# Amphibious boat



## a_majoor (15 Aug 2010)

An interesting (if very special purpose) boat with the ability to drive itself in and out of the water:

http://www.popularmechanics.com/outdoors/recreation/boating/sealegs-amphibious-vehicle-test-drive?click=pm_news



> *Sealegs Amphibious Vehicle Test Drive*
> 
> A new amphibious craft provides uncommon versatility without compromising on-water performance. We took it for a spin—here's how it fared on land and in the water.
> BY MARK ANDERS
> ...


----------



## richp (17 Aug 2010)

That was very intresting, thank you for posting this. It has a clear advantage over the only amphibious vehicle i have seen, a Argo but this seems like it would have quite a bit more speed than an Argo.


----------



## McG (30 Mar 2011)

The Army Dive Centre has one of these trailer & LST in one: http://www.admiraldrive.com/FT2069.html


----------



## FSTO (30 Mar 2011)

MCG said:
			
		

> The Army Dive Centre has one of these trailer & LST in one: http://www.admiraldrive.com/FT2069.html



CFFSE Sea Div looked into getting one a few years ago, (mainly to resupply Betinick Island) but we couldn't get the funding.
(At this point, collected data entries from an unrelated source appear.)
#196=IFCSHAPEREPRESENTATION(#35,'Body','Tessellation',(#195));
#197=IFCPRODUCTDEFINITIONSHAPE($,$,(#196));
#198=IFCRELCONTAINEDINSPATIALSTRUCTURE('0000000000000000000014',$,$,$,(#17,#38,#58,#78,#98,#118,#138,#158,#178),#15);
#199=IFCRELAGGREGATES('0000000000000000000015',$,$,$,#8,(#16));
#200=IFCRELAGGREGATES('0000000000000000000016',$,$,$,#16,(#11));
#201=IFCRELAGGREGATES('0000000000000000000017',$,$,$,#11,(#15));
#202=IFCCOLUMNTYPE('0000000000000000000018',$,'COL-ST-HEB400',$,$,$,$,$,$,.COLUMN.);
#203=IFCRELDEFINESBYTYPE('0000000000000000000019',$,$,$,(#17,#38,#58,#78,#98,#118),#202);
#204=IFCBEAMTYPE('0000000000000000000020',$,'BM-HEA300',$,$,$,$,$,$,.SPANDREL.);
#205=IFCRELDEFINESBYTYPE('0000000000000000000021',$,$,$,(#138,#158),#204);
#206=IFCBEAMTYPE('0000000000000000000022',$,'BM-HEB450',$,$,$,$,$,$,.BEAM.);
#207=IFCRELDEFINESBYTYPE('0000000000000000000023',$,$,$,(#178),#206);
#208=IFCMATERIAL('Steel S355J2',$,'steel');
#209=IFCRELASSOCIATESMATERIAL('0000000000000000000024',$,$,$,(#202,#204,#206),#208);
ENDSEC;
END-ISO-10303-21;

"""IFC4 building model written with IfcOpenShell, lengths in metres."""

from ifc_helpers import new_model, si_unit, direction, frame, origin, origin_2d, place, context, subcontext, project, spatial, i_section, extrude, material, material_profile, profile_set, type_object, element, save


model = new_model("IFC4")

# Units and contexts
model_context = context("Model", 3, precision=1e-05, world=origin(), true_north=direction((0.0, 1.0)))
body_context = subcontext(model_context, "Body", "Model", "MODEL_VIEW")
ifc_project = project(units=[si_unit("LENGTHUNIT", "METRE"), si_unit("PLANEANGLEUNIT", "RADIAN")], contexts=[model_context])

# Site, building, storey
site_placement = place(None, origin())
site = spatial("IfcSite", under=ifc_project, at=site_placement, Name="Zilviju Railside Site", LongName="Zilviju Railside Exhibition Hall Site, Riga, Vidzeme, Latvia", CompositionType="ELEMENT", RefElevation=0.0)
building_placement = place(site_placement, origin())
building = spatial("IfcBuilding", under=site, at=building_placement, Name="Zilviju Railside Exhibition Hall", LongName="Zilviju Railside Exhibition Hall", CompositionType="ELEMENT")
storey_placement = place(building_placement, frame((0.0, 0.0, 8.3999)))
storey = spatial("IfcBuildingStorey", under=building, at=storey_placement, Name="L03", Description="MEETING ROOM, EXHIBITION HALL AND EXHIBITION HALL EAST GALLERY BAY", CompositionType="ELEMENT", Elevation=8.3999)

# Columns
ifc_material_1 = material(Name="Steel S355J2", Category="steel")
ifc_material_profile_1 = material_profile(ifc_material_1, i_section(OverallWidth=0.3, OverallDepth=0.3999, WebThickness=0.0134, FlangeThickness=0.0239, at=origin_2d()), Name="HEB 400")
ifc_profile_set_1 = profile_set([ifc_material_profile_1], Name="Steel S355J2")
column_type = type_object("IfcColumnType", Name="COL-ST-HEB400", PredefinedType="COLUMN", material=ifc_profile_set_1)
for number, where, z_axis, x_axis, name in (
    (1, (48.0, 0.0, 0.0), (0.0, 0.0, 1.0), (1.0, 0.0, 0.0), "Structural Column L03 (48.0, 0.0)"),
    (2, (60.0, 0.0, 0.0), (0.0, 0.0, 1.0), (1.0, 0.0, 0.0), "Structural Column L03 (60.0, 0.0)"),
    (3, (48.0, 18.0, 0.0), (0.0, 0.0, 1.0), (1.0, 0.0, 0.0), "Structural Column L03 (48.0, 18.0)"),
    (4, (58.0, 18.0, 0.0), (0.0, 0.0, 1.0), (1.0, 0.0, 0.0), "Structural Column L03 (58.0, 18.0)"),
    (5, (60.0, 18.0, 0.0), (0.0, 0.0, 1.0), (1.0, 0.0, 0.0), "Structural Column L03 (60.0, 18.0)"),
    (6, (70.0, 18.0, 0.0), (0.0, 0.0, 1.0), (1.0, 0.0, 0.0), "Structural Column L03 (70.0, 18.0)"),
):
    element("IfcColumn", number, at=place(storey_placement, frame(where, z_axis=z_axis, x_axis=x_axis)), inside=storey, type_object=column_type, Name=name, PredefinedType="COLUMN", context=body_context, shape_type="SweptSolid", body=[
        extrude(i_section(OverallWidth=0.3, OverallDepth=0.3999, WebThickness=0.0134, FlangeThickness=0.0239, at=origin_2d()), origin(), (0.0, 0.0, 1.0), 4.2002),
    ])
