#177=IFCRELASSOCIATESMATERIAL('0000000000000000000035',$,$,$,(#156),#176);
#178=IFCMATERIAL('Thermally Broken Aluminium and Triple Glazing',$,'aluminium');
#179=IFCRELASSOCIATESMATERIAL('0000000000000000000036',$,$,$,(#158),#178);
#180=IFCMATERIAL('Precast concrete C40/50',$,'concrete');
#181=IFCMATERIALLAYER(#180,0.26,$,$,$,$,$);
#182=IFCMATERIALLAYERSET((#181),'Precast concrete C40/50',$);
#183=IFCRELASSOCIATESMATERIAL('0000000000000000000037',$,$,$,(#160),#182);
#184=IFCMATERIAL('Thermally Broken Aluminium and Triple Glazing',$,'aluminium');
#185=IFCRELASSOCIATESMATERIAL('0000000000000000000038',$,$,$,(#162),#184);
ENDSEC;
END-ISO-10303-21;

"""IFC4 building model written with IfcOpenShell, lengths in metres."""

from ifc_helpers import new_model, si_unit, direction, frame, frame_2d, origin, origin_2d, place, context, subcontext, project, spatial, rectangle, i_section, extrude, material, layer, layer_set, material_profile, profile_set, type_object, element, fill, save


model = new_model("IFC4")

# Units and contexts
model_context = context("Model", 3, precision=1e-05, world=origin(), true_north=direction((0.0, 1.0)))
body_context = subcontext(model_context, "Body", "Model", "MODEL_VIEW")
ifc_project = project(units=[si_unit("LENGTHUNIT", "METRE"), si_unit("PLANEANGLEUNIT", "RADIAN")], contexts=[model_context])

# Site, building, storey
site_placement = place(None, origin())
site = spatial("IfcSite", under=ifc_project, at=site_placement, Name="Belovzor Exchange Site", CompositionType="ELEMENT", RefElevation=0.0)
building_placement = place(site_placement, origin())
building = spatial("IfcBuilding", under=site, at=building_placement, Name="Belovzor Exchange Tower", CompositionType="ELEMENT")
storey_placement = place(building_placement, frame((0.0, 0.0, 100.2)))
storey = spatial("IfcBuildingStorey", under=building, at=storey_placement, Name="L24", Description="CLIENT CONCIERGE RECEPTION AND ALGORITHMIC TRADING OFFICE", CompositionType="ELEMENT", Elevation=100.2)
I wonder though how the salt water would effect the workings of the winch that raises and lowers the wheels.


----------



## a_majoor (30 Jul 2011)

Not exactly an amphibious boat, but a bit of "retro future" fun discovered while looking for information on some Scaled Composites aircraft:

http://stargazer2006.online.fr/menu.htm



> PARLC (Power-Augmented Ram Landing Craft)
> 
> Type: experimental high-speed ship to shore vehicle
> 
> ...



A different take on a "jet boat"!


----------